My reasoning was that I do bar keepers friend by hand before applying h2go so wouldn't do any damage applying by pad and made the job a lot quicker. Whether it did the job any better than using it by hand and microfibre i'm not sure but as I say it was a lot quicker.


----------



## Berylburton (Sep 14, 2013)

Whilst not a compound to remove defects, I find the best clean is an Hexlogic Orange pad with Autoglym glass polish. The blue creamy stuff. A spritz with water and a couple of drops will do half the windscreen. Repeat for the other side. 
Once done, a normal spray glass cleaner like AG fast glass, will keep the glass in great order.
I do the ‘deep clean’ twice maybe three times a year


----------



## muzzer (Feb 13, 2011)

Larry Kosilla of Ammo NYC has done a very good video regarding glass cleaning on his youtube channel, don't think he used a machine polisher but it is worth checking out.


----------



## garycha (Mar 29, 2012)

4" rayon pad and Ceripro. Keep a water mister handy to keep glass from over-heating.

Takes time...


----------



## lowejackson (Feb 23, 2006)

If correcting defects in the paint then cerium oxide and rayon pads are needed, as suggested above.

If just looking to give the glass a damn good clean and not correct anything then use your favourite polish and pad after washing (claying etc). Follow with IPA or similar


----------



## bluechimp (Dec 21, 2017)

garycha said:


> 4" rayon pad and Ceripro. Keep a water mister handy to keep glass from over-heating.
> 
> Takes time...


Gary nailed this in one, It can be refined well with a white hex finishing pad, but on glass this often isn't required.

When doing this, as Gary mentioned, I cannot stress enough how important it is to keep an eye on the heat!


----------



## German Taxi (Nov 6, 2007)

As mentioned before you will need cerium oxide compound and felt/rayon pads. This is the glass equivalent of a finishing polish; it will remove the likes wiper track marks and polish up the glass nicely.

Have a look here:

Compound: http://www.glasspolishshop.com/consumables/polishing-compounds/glass-polishing

Pads: http://www.glasspolishshop.com/consumables/polishing-pads/rayon-felt

Some basic guidelines:


Move the polisher over the glass faster than you would over paint.
Set the machine at a slightly slower speed than you would for paint, at least to begin with.
Check the temperature often.
Cover rubbers/plastics with cling film or tape.
Don't let the compound dry out (have a bottle to mist with water handy).
Wear eye protection - when in action, cerium oxide produces a kind of slurry so there can be some splatter.


----------



## AndyN01 (Feb 16, 2016)

I use a 2-3 levels, depending upon how disgusting the screen is:

First:

Barkeepers friend in powder form, mixed to a paste with distilled (clear) vinegar.
(https://www.johnlewis.com/bar-keepers-friend-stain-remover-multi-surface-cleaner-300ml/p3283874 & https://groceries.asda.com/product/malt-vinegars/asda-distilled-malt-vinegar/19241

Apply quite generously, working in a circular motion. Leave to dry (like you do with Windowlene - which itself is pretty good).
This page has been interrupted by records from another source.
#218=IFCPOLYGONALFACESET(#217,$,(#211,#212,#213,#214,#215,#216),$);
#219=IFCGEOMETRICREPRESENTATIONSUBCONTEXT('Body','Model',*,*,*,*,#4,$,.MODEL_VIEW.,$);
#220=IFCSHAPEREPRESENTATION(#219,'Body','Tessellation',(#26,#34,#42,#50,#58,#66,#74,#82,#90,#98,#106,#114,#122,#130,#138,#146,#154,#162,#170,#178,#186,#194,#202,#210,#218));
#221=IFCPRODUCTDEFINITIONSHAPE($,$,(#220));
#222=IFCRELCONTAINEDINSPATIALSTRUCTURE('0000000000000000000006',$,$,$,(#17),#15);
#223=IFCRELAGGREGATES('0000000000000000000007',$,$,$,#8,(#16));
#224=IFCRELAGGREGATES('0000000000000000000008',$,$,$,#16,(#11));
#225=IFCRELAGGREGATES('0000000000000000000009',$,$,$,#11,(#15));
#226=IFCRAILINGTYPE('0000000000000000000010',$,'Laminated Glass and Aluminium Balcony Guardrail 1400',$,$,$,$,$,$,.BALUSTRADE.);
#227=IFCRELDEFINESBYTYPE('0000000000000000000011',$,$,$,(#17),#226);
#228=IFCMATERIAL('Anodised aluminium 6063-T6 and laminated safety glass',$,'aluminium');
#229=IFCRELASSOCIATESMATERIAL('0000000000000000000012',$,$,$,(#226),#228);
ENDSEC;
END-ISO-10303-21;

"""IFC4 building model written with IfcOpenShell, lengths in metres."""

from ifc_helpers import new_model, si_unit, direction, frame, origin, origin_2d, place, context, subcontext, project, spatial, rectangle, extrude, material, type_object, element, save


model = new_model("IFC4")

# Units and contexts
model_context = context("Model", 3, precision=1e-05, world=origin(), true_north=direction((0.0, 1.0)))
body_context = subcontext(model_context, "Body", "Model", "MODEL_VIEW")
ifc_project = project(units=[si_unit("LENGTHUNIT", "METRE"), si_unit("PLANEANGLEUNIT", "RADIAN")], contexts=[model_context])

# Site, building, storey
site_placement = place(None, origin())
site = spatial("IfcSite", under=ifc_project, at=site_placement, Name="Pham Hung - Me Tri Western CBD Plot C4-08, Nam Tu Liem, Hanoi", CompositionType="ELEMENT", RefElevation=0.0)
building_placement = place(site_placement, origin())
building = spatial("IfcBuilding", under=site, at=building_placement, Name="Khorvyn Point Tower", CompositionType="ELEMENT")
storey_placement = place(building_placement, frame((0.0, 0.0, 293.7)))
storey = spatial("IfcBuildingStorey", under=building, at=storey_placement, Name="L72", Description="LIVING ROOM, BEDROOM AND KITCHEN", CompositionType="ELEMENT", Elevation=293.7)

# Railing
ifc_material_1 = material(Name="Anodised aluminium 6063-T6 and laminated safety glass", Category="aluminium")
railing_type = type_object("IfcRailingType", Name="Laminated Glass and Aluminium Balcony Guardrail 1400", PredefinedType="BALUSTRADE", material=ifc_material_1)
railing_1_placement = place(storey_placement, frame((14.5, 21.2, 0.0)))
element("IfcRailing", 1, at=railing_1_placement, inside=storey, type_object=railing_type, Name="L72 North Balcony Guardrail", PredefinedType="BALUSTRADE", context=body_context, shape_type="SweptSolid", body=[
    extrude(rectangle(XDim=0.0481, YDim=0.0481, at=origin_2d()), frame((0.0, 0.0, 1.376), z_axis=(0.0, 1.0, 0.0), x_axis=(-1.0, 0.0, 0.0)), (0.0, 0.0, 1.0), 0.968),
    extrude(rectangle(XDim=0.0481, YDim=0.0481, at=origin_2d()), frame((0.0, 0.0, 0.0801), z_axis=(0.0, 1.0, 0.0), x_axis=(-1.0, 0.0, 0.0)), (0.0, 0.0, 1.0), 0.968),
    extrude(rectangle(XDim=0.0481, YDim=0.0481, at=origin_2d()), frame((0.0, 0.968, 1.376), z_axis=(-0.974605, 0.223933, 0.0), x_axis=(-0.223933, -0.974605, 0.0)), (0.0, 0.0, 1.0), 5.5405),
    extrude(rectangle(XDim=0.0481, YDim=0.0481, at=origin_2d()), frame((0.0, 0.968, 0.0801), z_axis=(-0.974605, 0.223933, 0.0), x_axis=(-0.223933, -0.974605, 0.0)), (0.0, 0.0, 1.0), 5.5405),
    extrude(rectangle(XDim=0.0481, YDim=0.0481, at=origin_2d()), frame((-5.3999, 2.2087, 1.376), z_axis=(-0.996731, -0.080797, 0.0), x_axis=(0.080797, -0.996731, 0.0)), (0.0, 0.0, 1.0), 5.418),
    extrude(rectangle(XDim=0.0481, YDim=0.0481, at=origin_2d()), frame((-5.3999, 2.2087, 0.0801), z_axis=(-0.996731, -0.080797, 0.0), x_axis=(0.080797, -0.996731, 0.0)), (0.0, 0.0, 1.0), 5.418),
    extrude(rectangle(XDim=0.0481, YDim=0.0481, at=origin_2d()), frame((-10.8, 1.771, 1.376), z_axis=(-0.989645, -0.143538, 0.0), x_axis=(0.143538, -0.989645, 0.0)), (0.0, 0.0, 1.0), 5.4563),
Polish off with a clean, dry cloth. The downside is there will be a lot of white dust/powder but it certainly shifts most road gunge for very little money and a bit of physical work.

Second:

An advance on that is Gtechniq's G4 Nanotech glass polish (https://gtechniq.com/products/auto/perfect/exterior/paint/g4-nanotech-glass-polish) which I've found to be very good.

Third

I've used Scholl S20 Black on a Purple Spider pad with DA or Rotary to good effect if you've got something that really won't come off. (https://www.schollconcepts.com/en/shop/premium-rubbing-compounds/s20black-compound & https://www.schollconcepts.com/en/shop/pad-technology-en/polishing-pad-purple.

Anything more shall need Cerium Oxide as already suggested.

A quick check can be done by spraying the windscreen with water and using the wipers. If it's anything other than absolutely crystal clear then it needs more cleaning. Any sort of "film" or oily patches means it isn't clean - yet 

Good Luck.

Andy.


----------



## Titanium Htail (Mar 24, 2012)

I bought a car with wiper marks, I have a small pad rotary, I have used 105/205 with great success of plastic.

I grind glass with a glass grinder, the glass sits on a water bath, so the heat plus waste is controlled.

Have fun.

John Tht.


----------



## CrimsonSkull (Oct 22, 2017)

Might give this a go because my glass has lots of blade scratches that can be clearly seen with the sun shinning in.

It may be a silly question but do you think polishing the glass may damage the tungsten wire used for the heated windscreen function?


----------